Pugh: City moved permit process online

Mayor Catherine Pugh sounded a couple of innovation notes during her State of the City address.

Baltimore City Hall.

(Photo by Flickr user David Kirsch, used under a Creative Commons license)

Mayor Catherine Pugh gave the State of the City address on Thursday, which marked her 100th day in office.

Along with policy plans and goals for her administration, Pugh noted that her administration already made moves to put the city’s permitting process online.

“Early in my Administration we learned that our permitting process was outdated. It required several visits Downtown and too much waiting to wade through the cumbersome process. I want to thank [Chief of Operations] Pete Hammen and Acting Housing Commissioner Michael Braverman and his team who answered my request to streamline the process and make it available online,” she said.

Permits are now available online in the Housing Department.
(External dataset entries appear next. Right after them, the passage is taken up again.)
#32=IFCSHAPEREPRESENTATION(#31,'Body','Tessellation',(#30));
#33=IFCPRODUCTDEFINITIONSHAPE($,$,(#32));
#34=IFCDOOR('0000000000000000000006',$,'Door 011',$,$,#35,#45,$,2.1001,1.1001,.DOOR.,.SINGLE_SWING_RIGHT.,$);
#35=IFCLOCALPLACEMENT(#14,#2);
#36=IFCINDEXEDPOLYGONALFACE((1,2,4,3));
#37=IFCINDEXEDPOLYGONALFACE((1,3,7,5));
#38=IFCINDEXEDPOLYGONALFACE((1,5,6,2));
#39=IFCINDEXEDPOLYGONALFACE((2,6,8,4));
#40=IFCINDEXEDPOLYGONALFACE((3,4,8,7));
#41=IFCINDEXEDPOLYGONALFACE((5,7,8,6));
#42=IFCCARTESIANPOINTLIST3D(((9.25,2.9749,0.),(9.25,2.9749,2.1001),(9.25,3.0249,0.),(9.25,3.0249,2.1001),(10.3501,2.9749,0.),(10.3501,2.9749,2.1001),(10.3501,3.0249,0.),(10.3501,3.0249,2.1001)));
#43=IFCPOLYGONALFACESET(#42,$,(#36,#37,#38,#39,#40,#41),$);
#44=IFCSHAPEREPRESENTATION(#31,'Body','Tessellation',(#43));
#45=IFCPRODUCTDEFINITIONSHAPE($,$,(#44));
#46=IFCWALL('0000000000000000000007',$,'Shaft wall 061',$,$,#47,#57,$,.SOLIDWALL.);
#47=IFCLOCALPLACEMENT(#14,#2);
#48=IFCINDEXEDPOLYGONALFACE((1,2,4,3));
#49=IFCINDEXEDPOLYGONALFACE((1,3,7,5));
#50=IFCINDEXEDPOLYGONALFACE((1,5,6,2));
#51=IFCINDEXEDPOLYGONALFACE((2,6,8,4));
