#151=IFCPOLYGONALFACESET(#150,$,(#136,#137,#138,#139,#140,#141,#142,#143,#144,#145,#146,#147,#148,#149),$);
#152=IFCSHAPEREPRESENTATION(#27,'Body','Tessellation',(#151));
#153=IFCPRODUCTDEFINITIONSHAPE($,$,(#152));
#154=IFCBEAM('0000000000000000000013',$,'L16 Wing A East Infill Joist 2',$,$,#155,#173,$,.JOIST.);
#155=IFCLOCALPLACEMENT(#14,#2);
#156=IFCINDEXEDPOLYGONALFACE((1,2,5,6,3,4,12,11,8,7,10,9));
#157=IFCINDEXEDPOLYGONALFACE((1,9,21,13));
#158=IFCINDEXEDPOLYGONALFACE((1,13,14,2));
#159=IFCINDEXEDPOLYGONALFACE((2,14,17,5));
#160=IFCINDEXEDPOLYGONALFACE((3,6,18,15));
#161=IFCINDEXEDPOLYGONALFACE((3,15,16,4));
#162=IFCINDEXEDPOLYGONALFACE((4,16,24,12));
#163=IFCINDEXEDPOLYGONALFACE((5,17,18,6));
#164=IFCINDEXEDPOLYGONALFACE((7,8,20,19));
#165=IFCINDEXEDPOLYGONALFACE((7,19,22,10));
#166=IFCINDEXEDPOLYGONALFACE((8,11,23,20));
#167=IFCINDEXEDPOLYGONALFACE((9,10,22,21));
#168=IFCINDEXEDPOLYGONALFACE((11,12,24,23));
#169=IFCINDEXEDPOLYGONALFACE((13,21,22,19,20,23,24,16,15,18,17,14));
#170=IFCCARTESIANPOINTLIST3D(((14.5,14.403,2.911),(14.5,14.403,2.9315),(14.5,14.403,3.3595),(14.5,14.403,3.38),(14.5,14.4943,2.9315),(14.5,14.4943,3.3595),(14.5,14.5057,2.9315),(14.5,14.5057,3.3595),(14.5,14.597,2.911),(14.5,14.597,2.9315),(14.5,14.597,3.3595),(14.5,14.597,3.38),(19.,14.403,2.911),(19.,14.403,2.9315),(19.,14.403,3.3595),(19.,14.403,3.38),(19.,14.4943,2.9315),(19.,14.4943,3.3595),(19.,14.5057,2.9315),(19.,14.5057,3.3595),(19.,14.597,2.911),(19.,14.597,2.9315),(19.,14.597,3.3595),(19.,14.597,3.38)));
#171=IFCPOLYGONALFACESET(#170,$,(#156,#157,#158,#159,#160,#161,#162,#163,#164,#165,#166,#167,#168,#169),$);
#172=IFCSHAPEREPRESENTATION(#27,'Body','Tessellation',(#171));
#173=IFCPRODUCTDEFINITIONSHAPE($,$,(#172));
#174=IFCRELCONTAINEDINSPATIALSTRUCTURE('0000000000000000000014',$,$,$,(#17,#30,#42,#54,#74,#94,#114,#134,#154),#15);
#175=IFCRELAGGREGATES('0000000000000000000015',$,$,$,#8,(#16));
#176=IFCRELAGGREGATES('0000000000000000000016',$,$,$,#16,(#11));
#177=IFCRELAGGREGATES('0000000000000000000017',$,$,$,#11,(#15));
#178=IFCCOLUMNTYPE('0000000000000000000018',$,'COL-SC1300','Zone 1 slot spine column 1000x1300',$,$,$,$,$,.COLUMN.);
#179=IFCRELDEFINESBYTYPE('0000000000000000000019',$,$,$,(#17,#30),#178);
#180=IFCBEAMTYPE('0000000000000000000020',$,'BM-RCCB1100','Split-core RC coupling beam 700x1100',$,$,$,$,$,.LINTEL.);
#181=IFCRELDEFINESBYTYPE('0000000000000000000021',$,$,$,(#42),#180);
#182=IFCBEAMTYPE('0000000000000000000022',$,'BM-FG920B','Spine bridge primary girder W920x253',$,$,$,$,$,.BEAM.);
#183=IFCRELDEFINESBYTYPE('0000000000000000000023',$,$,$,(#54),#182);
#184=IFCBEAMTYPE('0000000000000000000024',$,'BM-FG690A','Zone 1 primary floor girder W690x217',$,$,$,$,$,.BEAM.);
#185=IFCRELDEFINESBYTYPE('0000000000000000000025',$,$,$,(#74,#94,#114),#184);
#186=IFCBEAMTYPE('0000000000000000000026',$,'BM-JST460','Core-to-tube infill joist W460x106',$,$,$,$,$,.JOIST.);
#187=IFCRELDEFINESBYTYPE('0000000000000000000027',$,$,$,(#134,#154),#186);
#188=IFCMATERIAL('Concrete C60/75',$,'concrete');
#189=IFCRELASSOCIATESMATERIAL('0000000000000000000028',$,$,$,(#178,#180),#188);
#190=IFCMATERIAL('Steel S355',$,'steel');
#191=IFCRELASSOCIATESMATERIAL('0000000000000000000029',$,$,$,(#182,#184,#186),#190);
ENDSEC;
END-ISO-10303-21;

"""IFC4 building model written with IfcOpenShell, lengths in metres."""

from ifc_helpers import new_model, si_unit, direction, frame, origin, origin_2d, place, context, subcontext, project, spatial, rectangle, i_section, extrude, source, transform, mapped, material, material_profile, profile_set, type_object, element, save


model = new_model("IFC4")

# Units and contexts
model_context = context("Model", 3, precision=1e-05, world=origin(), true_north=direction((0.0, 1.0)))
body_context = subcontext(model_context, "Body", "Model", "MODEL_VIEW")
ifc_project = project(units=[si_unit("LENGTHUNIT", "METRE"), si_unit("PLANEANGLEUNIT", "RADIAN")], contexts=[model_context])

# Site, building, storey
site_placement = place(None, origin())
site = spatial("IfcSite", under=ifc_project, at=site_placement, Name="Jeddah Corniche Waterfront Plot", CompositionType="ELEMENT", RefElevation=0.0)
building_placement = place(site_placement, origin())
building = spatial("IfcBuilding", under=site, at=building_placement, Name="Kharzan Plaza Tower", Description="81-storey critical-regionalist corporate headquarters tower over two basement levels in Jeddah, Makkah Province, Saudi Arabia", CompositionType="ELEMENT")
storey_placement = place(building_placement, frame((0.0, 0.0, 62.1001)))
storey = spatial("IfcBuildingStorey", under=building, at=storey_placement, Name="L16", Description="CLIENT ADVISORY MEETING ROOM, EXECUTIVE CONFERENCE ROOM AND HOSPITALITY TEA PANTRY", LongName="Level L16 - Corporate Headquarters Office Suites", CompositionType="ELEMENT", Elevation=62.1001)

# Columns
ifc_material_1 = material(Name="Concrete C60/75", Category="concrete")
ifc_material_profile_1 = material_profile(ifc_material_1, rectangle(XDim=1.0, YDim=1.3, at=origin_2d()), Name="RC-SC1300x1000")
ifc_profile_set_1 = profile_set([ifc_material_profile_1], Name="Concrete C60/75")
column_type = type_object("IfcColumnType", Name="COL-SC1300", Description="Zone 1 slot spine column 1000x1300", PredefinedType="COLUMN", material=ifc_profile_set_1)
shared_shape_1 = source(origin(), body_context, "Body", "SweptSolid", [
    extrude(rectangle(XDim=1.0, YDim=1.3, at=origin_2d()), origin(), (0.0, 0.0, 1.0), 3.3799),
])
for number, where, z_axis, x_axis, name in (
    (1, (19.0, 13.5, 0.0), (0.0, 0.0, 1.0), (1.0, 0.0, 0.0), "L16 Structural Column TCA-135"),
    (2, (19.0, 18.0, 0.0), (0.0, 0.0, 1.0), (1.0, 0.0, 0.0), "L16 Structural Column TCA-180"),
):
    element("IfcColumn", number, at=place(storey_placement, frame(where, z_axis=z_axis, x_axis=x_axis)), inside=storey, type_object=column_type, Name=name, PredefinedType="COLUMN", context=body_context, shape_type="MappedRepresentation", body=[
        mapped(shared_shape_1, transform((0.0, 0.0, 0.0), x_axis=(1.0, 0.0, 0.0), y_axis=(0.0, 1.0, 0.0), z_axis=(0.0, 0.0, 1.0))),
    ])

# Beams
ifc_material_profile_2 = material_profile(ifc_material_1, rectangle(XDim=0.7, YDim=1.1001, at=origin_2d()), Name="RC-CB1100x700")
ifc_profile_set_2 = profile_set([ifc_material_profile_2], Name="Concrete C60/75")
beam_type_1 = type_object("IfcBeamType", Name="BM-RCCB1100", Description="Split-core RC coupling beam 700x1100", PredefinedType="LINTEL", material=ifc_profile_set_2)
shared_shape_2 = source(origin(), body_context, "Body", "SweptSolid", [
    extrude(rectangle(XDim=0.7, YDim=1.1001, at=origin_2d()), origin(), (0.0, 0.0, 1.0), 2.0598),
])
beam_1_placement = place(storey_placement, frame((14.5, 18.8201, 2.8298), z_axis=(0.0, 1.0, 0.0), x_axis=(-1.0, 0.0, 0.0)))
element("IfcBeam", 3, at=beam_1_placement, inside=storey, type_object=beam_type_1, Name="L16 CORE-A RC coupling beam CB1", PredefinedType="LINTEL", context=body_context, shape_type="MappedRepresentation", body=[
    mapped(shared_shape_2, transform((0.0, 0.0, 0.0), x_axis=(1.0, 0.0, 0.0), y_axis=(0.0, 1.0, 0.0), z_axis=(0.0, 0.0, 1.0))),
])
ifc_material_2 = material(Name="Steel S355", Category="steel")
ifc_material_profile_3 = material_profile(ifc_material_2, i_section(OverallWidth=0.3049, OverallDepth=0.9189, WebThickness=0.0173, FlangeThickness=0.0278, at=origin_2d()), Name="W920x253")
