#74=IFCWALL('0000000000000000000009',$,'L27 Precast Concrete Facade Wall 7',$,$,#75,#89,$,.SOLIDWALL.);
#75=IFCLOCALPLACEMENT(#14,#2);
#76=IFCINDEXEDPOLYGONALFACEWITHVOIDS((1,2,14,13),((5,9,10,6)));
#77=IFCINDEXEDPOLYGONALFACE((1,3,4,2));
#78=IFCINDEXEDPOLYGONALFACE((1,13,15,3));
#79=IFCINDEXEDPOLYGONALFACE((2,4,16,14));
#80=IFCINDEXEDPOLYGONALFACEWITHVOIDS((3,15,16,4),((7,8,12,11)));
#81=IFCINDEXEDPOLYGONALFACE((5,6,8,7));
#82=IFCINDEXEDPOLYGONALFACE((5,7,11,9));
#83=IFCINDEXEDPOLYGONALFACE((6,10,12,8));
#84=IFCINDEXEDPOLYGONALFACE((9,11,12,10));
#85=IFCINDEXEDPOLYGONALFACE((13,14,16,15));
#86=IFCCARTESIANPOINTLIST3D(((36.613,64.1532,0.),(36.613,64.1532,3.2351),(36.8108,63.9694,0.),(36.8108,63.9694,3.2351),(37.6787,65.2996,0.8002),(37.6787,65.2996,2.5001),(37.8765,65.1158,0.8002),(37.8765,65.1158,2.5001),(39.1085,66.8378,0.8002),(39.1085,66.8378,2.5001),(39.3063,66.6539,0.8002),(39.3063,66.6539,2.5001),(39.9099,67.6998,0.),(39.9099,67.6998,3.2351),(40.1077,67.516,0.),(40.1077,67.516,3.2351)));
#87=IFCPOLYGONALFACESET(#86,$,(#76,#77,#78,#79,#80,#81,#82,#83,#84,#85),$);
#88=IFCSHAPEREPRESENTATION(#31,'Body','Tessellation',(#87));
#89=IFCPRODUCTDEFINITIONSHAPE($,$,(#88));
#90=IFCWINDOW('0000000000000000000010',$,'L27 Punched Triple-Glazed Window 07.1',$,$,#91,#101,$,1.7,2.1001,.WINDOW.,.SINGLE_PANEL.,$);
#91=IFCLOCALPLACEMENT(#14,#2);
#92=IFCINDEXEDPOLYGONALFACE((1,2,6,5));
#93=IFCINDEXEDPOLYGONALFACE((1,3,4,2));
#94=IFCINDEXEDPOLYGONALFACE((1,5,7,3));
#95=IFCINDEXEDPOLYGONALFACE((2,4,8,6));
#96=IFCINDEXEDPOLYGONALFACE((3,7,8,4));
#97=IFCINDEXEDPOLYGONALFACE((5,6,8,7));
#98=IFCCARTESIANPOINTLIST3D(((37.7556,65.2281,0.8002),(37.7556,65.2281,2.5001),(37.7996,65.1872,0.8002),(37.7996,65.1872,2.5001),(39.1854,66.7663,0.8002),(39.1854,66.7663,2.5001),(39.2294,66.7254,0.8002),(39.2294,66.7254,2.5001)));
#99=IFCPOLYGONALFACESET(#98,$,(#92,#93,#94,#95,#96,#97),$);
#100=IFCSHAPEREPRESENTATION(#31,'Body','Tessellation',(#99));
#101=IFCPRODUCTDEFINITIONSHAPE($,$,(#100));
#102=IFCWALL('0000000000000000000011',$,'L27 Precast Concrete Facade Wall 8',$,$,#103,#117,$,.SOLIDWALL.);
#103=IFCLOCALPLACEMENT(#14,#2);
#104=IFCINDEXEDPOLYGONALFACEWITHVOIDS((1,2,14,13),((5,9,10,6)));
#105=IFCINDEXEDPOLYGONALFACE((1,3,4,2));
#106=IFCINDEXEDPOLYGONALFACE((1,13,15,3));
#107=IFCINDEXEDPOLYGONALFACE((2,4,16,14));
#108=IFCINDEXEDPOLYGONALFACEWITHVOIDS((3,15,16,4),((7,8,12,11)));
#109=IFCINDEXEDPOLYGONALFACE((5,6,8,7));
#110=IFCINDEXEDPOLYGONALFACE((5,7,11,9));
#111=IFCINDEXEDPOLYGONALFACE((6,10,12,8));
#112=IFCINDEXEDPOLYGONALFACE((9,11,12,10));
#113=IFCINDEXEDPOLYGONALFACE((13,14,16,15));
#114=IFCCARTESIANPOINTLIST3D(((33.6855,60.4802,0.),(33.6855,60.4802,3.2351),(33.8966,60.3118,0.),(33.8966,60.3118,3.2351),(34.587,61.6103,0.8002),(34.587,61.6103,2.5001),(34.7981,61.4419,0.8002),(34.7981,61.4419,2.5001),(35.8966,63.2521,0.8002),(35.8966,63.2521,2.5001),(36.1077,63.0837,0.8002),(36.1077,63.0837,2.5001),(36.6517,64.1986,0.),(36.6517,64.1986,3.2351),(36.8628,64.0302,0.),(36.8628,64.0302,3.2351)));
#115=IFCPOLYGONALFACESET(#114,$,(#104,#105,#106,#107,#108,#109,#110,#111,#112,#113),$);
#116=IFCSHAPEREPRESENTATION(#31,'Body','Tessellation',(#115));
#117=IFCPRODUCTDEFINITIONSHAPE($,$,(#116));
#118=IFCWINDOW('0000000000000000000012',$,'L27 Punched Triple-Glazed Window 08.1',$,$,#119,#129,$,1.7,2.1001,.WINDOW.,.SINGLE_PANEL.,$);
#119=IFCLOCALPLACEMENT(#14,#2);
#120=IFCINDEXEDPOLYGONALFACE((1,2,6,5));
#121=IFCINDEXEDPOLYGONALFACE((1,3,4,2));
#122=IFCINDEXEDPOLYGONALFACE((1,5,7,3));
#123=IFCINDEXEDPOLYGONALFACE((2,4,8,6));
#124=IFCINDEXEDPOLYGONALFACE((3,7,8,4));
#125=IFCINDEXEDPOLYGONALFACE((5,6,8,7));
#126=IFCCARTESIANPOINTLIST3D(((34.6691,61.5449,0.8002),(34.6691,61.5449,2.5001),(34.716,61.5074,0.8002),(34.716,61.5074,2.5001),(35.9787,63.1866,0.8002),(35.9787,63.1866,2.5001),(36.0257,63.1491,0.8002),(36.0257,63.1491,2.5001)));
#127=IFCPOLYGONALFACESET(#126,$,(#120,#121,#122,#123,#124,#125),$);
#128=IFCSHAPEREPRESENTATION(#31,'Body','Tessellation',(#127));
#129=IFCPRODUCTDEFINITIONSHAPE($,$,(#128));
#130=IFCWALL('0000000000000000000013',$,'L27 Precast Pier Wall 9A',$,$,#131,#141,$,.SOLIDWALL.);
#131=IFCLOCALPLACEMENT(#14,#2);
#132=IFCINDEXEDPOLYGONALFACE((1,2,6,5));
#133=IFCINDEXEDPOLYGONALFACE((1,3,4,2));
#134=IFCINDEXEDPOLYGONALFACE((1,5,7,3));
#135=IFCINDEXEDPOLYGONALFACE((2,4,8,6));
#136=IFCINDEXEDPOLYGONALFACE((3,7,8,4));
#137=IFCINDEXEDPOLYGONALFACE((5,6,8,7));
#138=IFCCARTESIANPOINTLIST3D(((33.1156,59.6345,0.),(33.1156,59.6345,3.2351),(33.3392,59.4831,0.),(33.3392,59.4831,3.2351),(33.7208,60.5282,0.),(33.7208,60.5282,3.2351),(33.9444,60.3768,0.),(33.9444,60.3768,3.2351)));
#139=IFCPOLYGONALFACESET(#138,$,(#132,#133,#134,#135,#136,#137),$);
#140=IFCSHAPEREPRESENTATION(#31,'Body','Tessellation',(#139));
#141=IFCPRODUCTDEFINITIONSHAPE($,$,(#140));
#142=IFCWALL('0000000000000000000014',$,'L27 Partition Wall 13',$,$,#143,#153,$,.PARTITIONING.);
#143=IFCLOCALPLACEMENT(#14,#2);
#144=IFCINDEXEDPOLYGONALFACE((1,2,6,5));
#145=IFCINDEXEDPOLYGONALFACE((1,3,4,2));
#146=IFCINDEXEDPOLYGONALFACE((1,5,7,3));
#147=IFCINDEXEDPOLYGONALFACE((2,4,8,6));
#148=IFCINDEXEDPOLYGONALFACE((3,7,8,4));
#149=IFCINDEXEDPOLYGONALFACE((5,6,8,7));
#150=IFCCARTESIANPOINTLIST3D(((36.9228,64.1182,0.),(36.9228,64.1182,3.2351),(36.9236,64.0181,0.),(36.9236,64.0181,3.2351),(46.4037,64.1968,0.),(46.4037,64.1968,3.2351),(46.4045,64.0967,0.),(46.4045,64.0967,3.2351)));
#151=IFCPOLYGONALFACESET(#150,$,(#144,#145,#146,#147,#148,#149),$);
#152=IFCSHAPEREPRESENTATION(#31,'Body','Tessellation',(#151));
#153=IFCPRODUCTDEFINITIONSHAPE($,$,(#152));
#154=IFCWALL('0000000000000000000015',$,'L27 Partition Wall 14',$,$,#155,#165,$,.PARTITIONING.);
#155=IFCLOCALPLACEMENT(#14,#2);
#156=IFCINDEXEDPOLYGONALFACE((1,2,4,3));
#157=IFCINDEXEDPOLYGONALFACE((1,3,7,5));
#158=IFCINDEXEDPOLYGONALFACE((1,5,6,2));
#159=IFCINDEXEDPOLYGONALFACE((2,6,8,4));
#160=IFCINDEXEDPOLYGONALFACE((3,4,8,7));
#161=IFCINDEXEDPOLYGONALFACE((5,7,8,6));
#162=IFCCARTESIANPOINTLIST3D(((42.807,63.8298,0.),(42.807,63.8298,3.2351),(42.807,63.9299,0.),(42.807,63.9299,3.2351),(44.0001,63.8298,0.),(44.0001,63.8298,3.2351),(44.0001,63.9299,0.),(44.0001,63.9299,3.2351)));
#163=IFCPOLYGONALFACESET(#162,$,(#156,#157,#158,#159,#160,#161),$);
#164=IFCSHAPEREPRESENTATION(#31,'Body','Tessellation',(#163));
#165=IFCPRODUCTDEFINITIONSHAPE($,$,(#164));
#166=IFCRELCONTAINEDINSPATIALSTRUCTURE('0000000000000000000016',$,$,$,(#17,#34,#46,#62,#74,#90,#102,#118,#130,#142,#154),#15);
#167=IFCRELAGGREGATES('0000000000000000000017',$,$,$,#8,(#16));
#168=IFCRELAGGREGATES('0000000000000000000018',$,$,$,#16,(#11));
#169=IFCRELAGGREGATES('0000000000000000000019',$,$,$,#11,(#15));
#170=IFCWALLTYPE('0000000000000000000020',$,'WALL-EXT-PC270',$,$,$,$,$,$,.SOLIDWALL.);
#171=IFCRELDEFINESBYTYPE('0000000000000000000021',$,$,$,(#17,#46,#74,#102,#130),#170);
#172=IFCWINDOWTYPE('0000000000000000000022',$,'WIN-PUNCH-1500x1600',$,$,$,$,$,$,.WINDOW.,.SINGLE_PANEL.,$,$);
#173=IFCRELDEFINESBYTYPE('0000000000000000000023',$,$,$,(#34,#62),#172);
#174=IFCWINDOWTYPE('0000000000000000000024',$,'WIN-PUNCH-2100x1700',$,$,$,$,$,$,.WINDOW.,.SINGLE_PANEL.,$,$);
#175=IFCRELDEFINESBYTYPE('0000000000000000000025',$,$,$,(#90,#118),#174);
This site has info on other types of non-housing permits, but does not appear to have an online system.

“E-permits/online permitting is in operation today and cuts down on the hours and days that developers have had to invest in trying to do work in our communities,” Pugh said. “We are also working to reform our entire procurement process to become more inclusive and diverse.”

During the speech, Pugh also talked about Bloomberg Philanthropies’ recent move to provide Baltimore with $500,000 over three years to form an innovation team. She didn’t elaborate much on the specific focus, aside from a note about the importance of measuring progress. The team will “increase innovation and to bring the latest technology and transparency and measurement tools to City government, while identifying the best and the brightest to lead those efforts in our city to improve government services,” Pugh said.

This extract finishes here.